Magic	Format	Decompress with
1F 8B	gzip	gunzip, zcat
42 5A 68	bzip2	bunzip2
5D 00 00	LZMA (legacy)	unlzma
FD 37 7A 58 5A 00	XZ	xz -d
28 B5 2F FD	Zstandard	zstd -d
04 22 4D 18	LZ4 frame	lz4 -d
89 4C 5A 4F 00 0D 0A 1A 0A	LZO	lzop -d
50 4B 03 04	ZIP	unzip
52 61 72 21 1A 07	RAR	unrar
Rar!	ditto, ASCII	unrar

Cryptographic blobs

X.509 certificate: for the common size range (256 B – 64 KiB), the DER-encoded cert starts with 30 82 (SEQUENCE with 2-byte length). Smaller certs are 30 81 LL, larger are 30 83 LL LL LL. Often inside -----BEGIN CERTIFICATE----- PEM headers when in text form.

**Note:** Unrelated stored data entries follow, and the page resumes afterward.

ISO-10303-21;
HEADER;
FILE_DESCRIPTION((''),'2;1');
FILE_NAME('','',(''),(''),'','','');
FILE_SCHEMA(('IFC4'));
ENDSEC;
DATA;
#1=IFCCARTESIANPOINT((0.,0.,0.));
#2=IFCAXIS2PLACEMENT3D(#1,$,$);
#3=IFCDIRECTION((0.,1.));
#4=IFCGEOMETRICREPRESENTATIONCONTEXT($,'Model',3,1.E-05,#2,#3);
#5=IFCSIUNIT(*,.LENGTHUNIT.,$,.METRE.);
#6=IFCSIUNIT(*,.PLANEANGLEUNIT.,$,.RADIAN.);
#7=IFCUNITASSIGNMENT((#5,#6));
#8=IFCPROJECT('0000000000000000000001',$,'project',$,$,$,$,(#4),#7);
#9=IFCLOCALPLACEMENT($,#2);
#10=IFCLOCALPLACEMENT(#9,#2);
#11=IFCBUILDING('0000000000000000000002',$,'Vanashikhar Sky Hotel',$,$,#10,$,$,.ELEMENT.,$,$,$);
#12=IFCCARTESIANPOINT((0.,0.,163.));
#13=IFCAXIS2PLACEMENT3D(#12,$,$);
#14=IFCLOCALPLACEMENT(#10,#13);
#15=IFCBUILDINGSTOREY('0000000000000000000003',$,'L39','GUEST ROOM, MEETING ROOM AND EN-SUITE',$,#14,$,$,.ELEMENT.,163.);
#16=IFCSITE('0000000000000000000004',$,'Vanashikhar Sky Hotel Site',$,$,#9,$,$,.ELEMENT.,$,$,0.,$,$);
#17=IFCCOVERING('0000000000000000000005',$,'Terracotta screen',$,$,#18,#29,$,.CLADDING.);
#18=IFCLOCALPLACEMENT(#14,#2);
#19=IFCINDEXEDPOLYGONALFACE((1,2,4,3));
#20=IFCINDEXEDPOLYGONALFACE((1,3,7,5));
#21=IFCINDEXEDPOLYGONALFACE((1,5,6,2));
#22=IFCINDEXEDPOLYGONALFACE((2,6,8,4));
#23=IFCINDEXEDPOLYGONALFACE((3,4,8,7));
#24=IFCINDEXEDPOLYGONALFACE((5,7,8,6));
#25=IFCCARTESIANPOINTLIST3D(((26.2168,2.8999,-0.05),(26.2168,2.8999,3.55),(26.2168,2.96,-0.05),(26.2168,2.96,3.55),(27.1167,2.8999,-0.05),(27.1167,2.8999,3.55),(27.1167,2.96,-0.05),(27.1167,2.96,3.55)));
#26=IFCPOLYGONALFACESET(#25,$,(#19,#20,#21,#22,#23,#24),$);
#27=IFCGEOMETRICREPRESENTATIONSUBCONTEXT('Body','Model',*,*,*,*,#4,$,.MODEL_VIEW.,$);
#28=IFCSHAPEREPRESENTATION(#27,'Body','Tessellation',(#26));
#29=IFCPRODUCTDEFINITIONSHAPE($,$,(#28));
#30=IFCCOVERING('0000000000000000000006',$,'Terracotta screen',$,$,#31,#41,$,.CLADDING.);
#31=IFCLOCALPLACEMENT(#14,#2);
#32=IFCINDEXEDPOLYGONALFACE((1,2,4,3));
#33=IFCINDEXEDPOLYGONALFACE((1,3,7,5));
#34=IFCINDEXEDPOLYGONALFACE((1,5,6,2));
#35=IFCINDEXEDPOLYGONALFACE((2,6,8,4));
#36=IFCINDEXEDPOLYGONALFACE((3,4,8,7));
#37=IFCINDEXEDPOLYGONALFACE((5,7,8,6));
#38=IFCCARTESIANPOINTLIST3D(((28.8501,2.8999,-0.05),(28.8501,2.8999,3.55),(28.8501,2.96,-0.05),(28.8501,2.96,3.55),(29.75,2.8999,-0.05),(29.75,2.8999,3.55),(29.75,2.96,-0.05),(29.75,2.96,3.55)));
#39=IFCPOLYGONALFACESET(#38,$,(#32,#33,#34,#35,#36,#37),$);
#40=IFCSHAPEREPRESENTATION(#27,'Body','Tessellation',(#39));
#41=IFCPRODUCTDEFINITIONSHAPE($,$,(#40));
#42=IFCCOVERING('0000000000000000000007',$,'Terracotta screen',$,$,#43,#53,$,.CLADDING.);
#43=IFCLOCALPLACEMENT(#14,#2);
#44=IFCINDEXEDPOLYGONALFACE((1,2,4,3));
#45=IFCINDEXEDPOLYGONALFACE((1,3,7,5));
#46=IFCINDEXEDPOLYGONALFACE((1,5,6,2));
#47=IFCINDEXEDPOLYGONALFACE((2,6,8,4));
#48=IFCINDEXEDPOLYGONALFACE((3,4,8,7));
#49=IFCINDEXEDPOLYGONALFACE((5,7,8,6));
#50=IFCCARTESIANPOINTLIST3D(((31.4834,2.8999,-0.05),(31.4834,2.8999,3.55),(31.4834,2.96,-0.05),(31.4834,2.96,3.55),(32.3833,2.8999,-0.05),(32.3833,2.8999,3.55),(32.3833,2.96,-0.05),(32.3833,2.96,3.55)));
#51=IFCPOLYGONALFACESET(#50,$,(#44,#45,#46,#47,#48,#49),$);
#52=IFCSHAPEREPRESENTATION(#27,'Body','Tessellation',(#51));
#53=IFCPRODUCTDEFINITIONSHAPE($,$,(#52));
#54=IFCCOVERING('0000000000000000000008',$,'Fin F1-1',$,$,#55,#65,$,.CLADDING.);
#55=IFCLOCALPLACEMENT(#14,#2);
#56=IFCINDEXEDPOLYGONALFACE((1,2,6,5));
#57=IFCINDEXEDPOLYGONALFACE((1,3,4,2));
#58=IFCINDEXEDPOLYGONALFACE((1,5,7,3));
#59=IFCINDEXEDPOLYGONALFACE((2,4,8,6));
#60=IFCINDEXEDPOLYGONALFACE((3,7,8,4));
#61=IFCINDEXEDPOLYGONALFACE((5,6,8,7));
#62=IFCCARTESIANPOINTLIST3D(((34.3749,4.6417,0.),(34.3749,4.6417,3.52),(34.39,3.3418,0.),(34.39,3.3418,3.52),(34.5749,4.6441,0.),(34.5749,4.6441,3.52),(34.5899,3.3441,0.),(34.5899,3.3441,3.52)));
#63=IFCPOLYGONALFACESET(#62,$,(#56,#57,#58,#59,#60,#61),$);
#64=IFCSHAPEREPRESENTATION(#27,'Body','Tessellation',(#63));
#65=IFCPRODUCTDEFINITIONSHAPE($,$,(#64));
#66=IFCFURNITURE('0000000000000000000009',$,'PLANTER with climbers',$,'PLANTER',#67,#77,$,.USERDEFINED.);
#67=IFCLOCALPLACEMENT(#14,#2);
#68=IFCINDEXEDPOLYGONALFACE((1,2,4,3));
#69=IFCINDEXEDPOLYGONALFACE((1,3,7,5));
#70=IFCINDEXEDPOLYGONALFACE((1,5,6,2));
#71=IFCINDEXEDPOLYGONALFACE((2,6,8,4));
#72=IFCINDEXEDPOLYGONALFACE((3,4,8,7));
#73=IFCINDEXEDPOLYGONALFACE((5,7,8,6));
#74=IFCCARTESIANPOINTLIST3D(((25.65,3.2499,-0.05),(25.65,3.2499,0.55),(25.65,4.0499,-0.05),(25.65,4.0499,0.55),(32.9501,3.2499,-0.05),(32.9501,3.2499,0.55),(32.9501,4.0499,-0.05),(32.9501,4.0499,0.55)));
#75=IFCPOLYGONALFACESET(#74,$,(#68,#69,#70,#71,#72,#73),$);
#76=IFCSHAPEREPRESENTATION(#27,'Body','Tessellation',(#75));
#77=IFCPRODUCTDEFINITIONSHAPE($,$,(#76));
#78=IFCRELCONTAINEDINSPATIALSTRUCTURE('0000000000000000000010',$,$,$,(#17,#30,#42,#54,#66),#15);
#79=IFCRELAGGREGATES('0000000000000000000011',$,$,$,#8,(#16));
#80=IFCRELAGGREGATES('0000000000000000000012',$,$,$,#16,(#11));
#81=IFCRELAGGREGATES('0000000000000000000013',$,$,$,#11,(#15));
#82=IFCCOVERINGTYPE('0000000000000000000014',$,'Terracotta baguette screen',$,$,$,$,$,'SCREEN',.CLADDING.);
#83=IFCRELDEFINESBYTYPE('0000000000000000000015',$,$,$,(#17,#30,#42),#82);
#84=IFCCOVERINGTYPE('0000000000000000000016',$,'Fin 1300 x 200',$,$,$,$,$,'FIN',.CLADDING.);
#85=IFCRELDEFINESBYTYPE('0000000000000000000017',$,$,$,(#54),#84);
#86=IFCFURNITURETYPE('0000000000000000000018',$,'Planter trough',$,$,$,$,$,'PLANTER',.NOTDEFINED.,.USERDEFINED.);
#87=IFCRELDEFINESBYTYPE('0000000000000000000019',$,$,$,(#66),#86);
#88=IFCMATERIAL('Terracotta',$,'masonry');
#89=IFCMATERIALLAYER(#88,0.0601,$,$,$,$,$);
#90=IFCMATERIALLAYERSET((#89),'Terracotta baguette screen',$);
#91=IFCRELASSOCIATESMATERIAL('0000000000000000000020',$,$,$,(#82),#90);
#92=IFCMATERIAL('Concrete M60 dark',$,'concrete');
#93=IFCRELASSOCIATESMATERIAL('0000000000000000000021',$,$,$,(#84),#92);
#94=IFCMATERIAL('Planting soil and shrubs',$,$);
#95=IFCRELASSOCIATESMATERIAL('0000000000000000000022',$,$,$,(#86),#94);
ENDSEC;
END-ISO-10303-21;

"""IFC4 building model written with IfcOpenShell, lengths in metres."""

from ifc_helpers import new_model, si_unit, direction, frame, origin, origin_2d, place, context, subcontext, project, spatial, rectangle, extrude, source, transform, mapped, material, layer, layer_set, material_profile, profile_set, type_object, element, save


model = new_model("IFC4")

# Units and contexts
model_context = context("Model", 3, precision=1e-05, world=origin(), true_north=direction((0.0, 1.0)))
body_context = subcontext(model_context, "Body", "Model", "MODEL_VIEW")
ifc_project = project(units=[si_unit("LENGTHUNIT", "METRE"), si_unit("PLANEANGLEUNIT", "RADIAN")], contexts=[model_context])

# Site, building, storey
site_placement = place(None, origin())
site = spatial("IfcSite", under=ifc_project, at=site_placement, Name="Vanashikhar Sky Hotel Site", CompositionType="ELEMENT", RefElevation=0.0)
building_placement = place(site_placement, origin())
building = spatial("IfcBuilding", under=site, at=building_placement, Name="Vanashikhar Sky Hotel", CompositionType="ELEMENT")
storey_placement = place(building_placement, frame((0.0, 0.0, 163.0)))
storey = spatial("IfcBuildingStorey", under=building, at=storey_placement, Name="L39", Description="GUEST ROOM, MEETING ROOM AND EN-SUITE", CompositionType="ELEMENT", Elevation=163.0)

# Coverings
ifc_material_1 = material(Name="Terracotta", Category="masonry")
ifc_layer_1 = layer(ifc_material_1, 0.0601)
ifc_layer_set_1 = layer_set([ifc_layer_1], Name="Terracotta baguette screen")
covering_type_1 = type_object("IfcCoveringType", Name="Terracotta baguette screen", ElementType="SCREEN", PredefinedType="CLADDING", material=ifc_layer_set_1)
shared_shape_1 = source(origin(), body_context, "Body", "SweptSolid", [
    extrude(rectangle(XDim=0.8999, YDim=0.0601, at=origin_2d()), origin(), (0.0, 0.0, 1.0), 3.6001),
])
for number, where, z_axis, x_axis, name in (
    (1, (26.6667, 2.9299, -0.05), (0.0, 0.0, 1.0), (1.0, 0.0, 0.0), "Terracotta screen"),
    (2, (29.3, 2.9299, -0.05), (0.0, 0.0, 1.0), (1.0, 0.0, 0.0), "Terracotta screen"),
    (3, (31.9333, 2.9299, -0.05), (0.0, 0.0, 1.0), (1.0, 0.0, 0.0), "Terracotta screen"),
):
    element("IfcCovering", number, at=place(storey_placement, frame(where, z_axis=z_axis, x_axis=x_axis)), inside=storey, type_object=covering_type_1, Name=name, PredefinedType="CLADDING", context=body_context, shape_type="MappedRepresentation", body=[
        mapped(shared_shape_1, transform((0.0, 0.0, 0.0), scale=1.0)),
    ])
ifc_material_2 = material(Name="Concrete M60 dark", Category="concrete")
ifc_material_profile_1 = material_profile(ifc_material_2, rectangle(XDim=1.3, YDim=0.2, at=origin_2d()))
ifc_profile_set_1 = profile_set([ifc_material_profile_1], Name="Fin 1300 x 200")
covering_type_2 = type_object("IfcCoveringType", Name="Fin 1300 x 200", ElementType="FIN", PredefinedType="CLADDING", material=ifc_profile_set_1)
shared_shape_2 = source(origin(), body_context, "Body", "SweptSolid", [
    extrude(rectangle(XDim=1.3, YDim=0.2, at=origin_2d()), origin(), (0.0, 0.0, 1.0), 3.52),
])
covering_placement = place(storey_placement, frame((34.4824, 3.9929, 0.0), z_axis=(0.0, 0.0, 1.0), x_axis=(0.011589, -0.999933, 0.0)))
element("IfcCovering", 4, at=covering_placement, inside=storey, type_object=covering_type_2, Name="Fin F1-1", PredefinedType="CLADDING", context=body_context, shape_type="MappedRepresentation", body=[
    mapped(shared_shape_2, transform((0.0, 0.0, 0.0), scale=1.0)),
])

# Furniture
ifc_material_3 = material(Name="Planting soil and shrubs")
furniture_type = type_object("IfcFurnitureType", Name="Planter trough", ElementType="PLANTER", AssemblyPlace="NOTDEFINED", PredefinedType="USERDEFINED", material=ifc_material_3)
shared_shape_3 = source(origin(), body_context, "Body", "SweptSolid", [
    extrude(rectangle(XDim=7.3, YDim=0.8, at=origin_2d()), origin(), (0.0, 0.0, 1.0), 0.6001),
])
furniture_placement = place(storey_placement, frame((29.3, 3.6499, -0.05), z_axis=(0.0, 0.0, 1.0), x_axis=(1.0, 0.0, 0.0)))
element("IfcFurniture", 5, at=furniture_placement, inside=storey, type_object=furniture_type, Name="PLANTER with climbers", ObjectType="PLANTER", PredefinedType="USERDEFINED", context=body_context, shape_type="MappedRepresentation", body=[
    mapped(shared_shape_3, transform((0.0, 0.0, 0.0), scale=1.0)),
])

save(model, "model.ifc")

RSA public key (PKCS#1 DER): starts with 30 82 for the SEQUENCE, then INTEGER (modulus) and INTEGER (exponent).

Ed25519 public key: 32 bytes, indistinguishable from random. Tell by context (a 32-byte block in .rodata near a signature-verification function).

ECDSA signature: typically 70–72 bytes DER-encoded.

AES key: 16/24/32 bytes, indistinguishable from random.

Vendor-specific firmware containers

These vary widely. binwalk recognises many:

• Realtek RTKBoot: "RTKBoot" header.
• Allwinner eGON: "eGON.BT0" magic.
• Rockchip RKFW: "RKFW" header.
• MediaTek BootROM image: specific 32-byte preamble.
• Broadcom CFE bootloader: custom CFE header.
• TP-Link Atheros header: offset 0x100, custom structure.

For each, the recipe is the same: binwalk finds the boundary, dd strips, the rest is a normal image you can load in r2.

Quick triage workflow

For an unknown blob, in order:

1. xxd file | head -2 — first bytes for instant recognition.
2. file file — libmagic guess.
3. binwalk file — embedded format scan.
4. binwalk -E file — entropy plot.
5. cpu_rec.py file — architecture guess if nothing else.
6. strings -n 8 file | head -50 — human-readable hints.
7. binwalk -e file — extract everything binwalk recognises.

This sequence, run on every new binary, will identify 95% of what you encounter in the field.